The Sault’s Caleb Patterson has a love for working outdoors and protecting the environment.
That passion was formally recognized earlier this month when the 18-year-old Korah Collegiate graduate received the 2019 James S. Miller Memorial Scholarship Award for his dedication to the environment.
The scholarship acknowledges the contributions made by James S. (Jim) Miller, a local Ministry of Natural Resources and Forestry (MNRF) employee, environmentalist, and well-known local trails advocate, who died in 2007.
“I never met him, but I’ve read a lot about him and he was a really good man, an inspiration. I heard about the scholarship last year and it piqued my interest...I decided I wanted to apply for it so when I heard I had won it, it was pretty exciting,” said Caleb, speaking to SooToday.
The $1,000 award was presented to Caleb by Tom Croswell, Algoma Envirothon co-chair, at the J.S. Miller Trail Head Aug. 17, the scholarship awarded annually to a senior high school student in northern Ontario who intends to pursue a post-secondary education in natural resources or a related field.
Envirothons are annual competitions for high school students, held throughout Canada and the U.S., combining in-class and hands-on environmental education, students given environmental problems to solve.
“I am very passionate about the environment, and my life goal is to make a difference and leave a lasting impression on future generations,” stated Caleb in his application.
“I have planted hundreds of trees, I manage a vegetable garden with rainwater and without fertilizers or pesticides, I do my best to minimize waste and carbon emissions and attempt to influence others to do the same. I believe that my values closely reflect those of James S. Miller and want to do my best to bring his legacy forward,” he wrote.
“I love it all, from planting trees, to identifying and removing invasive species, to the planning of ecologically sound farming and logging practices.”
“When I was younger we used to go camping, hiking and canoeing all the time and really enjoyed it. I always watched the Discovery Channel and learned about global warming and knew that was an issue I wanted to help tackle. I’ve always been outdoorsy. In high school I took environmental science and enjoyed it, took part in Envirothon and that was really fun. Last summer I worked with the Ministry of Natural Resources and Forestry as a Stewardship Youth Ranger,” Caleb told us.
With that love of nature in his heart and that environmental experience under his belt, Caleb decided to study environmental engineering.
He begins his first year of study in that discipline at Ottawa’s Carleton University next week.
The scholarship money, Caleb said, will go toward his tuition.
“I’ve spoken to Caleb on the phone, and he’s extremely passionate about the environment and climate change...he’s pretty admirable in what he’s been doing and wants to continue doing that,” said Augusta Lipscombe, Forests Ontario/Forest Recovery Canada communications and stakeholder relations officer, speaking to SooToday by phone from Toronto.
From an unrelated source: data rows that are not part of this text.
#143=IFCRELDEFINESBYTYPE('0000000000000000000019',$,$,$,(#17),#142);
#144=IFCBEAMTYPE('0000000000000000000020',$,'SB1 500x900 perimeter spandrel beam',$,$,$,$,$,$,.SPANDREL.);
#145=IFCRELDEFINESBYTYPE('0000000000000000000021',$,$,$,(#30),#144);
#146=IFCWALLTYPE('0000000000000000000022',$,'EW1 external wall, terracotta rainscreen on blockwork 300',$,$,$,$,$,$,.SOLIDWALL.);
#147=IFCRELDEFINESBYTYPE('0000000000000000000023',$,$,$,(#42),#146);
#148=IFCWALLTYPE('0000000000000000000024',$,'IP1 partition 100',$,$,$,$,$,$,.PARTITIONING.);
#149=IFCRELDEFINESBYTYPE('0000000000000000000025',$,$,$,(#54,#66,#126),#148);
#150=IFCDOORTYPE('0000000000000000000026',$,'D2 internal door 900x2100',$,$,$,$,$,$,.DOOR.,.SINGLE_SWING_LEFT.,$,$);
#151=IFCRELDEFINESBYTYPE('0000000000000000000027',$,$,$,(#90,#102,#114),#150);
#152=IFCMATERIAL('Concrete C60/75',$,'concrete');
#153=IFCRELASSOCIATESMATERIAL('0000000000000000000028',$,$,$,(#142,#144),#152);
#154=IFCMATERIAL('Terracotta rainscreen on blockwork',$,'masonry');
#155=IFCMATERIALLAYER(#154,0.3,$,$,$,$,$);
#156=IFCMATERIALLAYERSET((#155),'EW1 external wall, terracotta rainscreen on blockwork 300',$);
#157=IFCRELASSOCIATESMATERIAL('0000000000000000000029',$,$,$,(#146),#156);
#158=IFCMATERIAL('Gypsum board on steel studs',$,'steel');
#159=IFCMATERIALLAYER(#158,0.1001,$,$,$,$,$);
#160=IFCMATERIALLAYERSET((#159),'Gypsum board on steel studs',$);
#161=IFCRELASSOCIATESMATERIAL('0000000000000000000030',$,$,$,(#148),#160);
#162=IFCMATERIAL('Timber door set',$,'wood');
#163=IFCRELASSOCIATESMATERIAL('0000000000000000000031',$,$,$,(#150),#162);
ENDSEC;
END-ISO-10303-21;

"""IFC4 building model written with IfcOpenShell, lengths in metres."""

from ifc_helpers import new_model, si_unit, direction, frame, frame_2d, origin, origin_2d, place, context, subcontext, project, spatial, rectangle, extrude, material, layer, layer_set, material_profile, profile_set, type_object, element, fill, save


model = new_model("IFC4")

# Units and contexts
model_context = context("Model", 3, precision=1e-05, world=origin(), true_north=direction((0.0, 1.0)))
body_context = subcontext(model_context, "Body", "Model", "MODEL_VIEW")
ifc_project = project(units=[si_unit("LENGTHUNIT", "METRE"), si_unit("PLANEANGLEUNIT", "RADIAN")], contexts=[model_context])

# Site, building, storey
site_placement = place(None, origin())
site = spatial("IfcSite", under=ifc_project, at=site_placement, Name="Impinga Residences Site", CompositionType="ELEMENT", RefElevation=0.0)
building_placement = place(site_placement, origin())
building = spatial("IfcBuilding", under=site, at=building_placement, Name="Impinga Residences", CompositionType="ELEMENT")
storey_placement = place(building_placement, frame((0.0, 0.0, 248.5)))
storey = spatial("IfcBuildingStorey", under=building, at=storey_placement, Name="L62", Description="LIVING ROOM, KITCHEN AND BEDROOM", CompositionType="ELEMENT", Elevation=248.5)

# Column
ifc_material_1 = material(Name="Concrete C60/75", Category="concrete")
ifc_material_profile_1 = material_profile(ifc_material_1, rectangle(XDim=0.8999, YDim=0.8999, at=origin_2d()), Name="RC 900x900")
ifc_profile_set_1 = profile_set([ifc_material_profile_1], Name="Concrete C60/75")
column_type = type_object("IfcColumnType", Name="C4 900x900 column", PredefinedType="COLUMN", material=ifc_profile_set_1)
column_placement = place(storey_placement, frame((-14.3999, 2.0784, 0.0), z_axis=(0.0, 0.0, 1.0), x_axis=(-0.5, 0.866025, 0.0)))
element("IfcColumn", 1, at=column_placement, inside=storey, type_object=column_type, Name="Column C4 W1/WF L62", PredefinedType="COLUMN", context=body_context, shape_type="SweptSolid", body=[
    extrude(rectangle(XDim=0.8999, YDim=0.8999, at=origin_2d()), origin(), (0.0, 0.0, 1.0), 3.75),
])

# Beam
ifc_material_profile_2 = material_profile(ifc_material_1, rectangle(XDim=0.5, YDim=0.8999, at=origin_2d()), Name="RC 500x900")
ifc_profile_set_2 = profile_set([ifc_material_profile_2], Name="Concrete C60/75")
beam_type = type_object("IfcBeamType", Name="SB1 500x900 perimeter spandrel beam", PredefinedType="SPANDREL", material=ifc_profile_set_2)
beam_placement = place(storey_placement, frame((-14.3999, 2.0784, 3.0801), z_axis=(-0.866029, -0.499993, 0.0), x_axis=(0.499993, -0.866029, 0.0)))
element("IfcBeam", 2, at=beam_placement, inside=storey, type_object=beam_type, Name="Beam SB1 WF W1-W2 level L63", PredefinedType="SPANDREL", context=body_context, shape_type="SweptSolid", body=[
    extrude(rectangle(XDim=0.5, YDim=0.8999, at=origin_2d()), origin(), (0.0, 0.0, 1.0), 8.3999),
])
Regarding the current Amazon forest fires in Brazil, critics blaming the blazes on deforestation through slash-and-burn to make room for agriculture or other development, Caleb said “that’s a pretty awful thing going on down there. It’s a shame. I don’t think they (the Brazilian government) are looking at the future, all the negative repercussions that are going to come to their country.”
With that, Caleb said “I’m going to do my best” for Canadian forests.